Innovative New Approach Sequences One Million Single Cells in Parallel

Single-cell sequencing is helping scientists understand cell type-specific gene expression, the workings of the regulatory network and a host of other biological challenges, but it has been limited by the number of samples that can be analyzed at once and the number of cells per sample that researchers can look at, as well as the need for expensive instrumentation.

Parse Biosciences aims to solve that challenge with a multiplexed approach that enables 96 samples and a total of 1 million single cells to be analyzed in parallel without the need for specialized lab instruments. The 10-fold increase from the 100,000-cell kit it announced last February “is inherent to the technology and the way we do single-cell sequencing,” Alex Rosenberg, Ph.D., CEO and co-founder of Parse Biosciences, told BioSpace.

The company unveiled its new tool, the Evercode Whole Transciptome Mega, Wednesday at the annual American Society for Human Genetics meeting. 

Rather than linear calling, which labels each cell with a separate identifier, “We use split-pool combinatorial barcoding, which allows exponential scaling. We label each with a combination of bar codes. Consequently, the number of possible bar codes is multiplicative,” Rosenberg said.

For the Evercode Mega (the 1 million cell kit), he explained, there are four rounds of cDNA bar-coding followed by a fourth consisting solely of 16 PCR reactions. “That yields about 14 million possible combinations – 96x96x96x16 – which results in a very low probability that any single cell will receive the same combination of barcodes,” he explained. In practice, there is a 3.2% doublet rate per million cells, which Rosenberg said is lower than traditional single-cell sequencing technology.

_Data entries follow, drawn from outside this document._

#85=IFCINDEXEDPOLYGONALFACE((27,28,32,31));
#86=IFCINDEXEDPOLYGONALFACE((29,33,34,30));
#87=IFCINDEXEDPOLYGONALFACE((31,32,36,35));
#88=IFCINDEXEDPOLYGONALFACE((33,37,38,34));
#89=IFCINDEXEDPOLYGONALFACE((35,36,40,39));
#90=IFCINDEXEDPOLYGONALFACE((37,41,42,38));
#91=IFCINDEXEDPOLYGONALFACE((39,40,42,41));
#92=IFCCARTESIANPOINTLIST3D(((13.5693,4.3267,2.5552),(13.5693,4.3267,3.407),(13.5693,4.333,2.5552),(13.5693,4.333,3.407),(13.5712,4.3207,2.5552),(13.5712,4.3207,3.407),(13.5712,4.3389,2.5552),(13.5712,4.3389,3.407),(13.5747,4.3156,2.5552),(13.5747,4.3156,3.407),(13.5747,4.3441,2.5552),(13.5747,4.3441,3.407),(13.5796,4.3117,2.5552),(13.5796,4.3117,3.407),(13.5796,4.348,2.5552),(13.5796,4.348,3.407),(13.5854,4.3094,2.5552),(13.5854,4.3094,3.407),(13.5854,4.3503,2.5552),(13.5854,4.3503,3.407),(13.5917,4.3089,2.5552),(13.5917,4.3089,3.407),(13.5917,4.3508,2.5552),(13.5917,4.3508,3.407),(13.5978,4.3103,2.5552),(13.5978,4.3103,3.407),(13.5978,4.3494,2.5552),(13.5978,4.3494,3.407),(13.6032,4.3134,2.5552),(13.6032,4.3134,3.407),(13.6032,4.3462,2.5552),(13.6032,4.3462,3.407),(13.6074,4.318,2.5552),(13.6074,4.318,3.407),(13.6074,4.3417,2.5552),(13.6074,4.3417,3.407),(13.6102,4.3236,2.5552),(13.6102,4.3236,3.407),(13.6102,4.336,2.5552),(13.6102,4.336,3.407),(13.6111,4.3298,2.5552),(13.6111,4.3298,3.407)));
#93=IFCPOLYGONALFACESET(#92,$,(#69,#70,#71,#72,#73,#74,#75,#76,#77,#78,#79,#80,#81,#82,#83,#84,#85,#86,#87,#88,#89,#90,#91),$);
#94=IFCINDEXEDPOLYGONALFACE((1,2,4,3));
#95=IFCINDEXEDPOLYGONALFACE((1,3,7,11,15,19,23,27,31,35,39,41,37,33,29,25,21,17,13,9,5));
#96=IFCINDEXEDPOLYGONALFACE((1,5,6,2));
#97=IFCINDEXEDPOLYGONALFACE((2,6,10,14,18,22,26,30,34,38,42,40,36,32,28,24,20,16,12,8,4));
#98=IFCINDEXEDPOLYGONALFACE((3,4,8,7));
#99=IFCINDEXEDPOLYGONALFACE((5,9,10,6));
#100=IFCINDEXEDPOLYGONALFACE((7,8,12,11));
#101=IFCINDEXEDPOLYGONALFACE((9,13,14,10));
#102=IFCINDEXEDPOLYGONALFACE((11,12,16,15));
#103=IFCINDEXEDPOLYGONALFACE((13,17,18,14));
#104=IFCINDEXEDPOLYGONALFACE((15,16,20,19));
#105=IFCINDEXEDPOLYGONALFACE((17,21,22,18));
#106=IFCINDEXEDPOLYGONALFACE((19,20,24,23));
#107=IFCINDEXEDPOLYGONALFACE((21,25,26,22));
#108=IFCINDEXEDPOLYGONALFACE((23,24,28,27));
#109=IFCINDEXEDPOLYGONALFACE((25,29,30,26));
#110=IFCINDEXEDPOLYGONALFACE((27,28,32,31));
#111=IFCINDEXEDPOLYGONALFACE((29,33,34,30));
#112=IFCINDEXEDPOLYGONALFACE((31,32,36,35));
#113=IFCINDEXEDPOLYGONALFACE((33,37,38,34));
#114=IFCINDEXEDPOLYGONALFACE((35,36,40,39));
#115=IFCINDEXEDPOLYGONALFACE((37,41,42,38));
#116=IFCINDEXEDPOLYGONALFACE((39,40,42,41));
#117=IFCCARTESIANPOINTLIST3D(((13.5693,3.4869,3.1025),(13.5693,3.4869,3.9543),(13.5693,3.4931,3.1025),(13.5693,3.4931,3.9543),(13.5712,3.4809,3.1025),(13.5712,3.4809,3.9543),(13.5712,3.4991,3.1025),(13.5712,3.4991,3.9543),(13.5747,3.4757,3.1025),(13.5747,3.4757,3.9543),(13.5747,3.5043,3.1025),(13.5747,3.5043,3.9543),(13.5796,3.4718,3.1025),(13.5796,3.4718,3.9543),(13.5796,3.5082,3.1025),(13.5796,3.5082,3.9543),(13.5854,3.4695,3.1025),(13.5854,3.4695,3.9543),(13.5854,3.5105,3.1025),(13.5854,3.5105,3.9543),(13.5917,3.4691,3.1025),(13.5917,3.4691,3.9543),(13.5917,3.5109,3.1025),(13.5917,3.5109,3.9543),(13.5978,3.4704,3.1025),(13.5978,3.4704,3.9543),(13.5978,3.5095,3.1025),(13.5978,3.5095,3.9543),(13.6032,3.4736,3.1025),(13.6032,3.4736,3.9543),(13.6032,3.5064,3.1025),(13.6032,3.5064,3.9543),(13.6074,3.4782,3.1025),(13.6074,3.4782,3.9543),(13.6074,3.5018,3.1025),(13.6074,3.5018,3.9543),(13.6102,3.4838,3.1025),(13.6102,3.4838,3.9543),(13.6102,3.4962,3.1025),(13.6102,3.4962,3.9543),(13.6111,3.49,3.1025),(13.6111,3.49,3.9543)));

The kits broaden the reach of single-cell sequencing to users such as key opinion leaders as well as grad students and post-docs who may not have ever worked with it before. “We want to make it accessible so people can get started easily,” Rosenberg said. The Evercode Mini kit, a smaller-scale kit that allows researchers to sequence up to 10,000 cells, accomplishes that, with a lower cost.

One of the key features of Parse Biosciences’ approach to single-cell sequencing is the ability to fix and freeze samples and run them later. Consequently, samples that are collected on different days can be stored for up to six months and run together in a single experiment. “At the end of the workflow, they have something they can sequence on an Illumina or other gene sequencer. Parse also provides analytics software,” he added.

Traditional single-cell sequencing methods don’t allow for sequencing at a later date, Rosenberg pointed out. “Single-cell droplet solutions aren’t robust with fixed samples, so researchers get a biological sample, dissociate it into single cells, and have to start their tests immediately. Sometimes that means starting a long workflow in the middle of the night, so the flexibility our solutions give to take samples, freeze them and sequence them later is hugely valuable.”

Sensitivity – defined as the number of genes or transcripts you can detect per cell – is high. “Sensitivity ultimately depends on the sample type and the quantity of RNA in the cell type, but we typically can detect 10,000 genes per cell,” Rosenberg said. That’s ample to discriminate between the various call types.

Rosenberg and co-founder Charlie Roco, Ph.D., CTO, formed Parse Biosciences soon after completing their post-doctoral work in 2018, largely in response to demands from scientists.  “We developed the original technology while at the University of Washington. Once we started giving talks and our paper (describing the technology) was published in Science that year, a huge number of people began talking to us about how to do this in their own labs. 

“So,” Rosenberg continued, “we formed the company in response to all the people reaching out to us, needing to have better single-cell sequencing solutions. We’re focused on helping researchers accelerate their processes.” Currently, the young company has about 150 active customers across a wide breadth of applications, such as developmental biology, the development of cell atlases, drug discovery and screening on cell cultures and organoids, immunology, oncology and other research endeavors.

For the future, additional scalability and extended applications are on Rosenberg’s radar. “We’re excited about developing kits that are more applicable to specific fields of biology, and ways to make additional types of measurements of cells.” He is keeping the details within the company, but did point to a growing trend toward multiomics – “measuring multiple molecules in the cells.”

One thing is certain, he said. “If you want to understand biology, you have to understand it at the single-cell level.”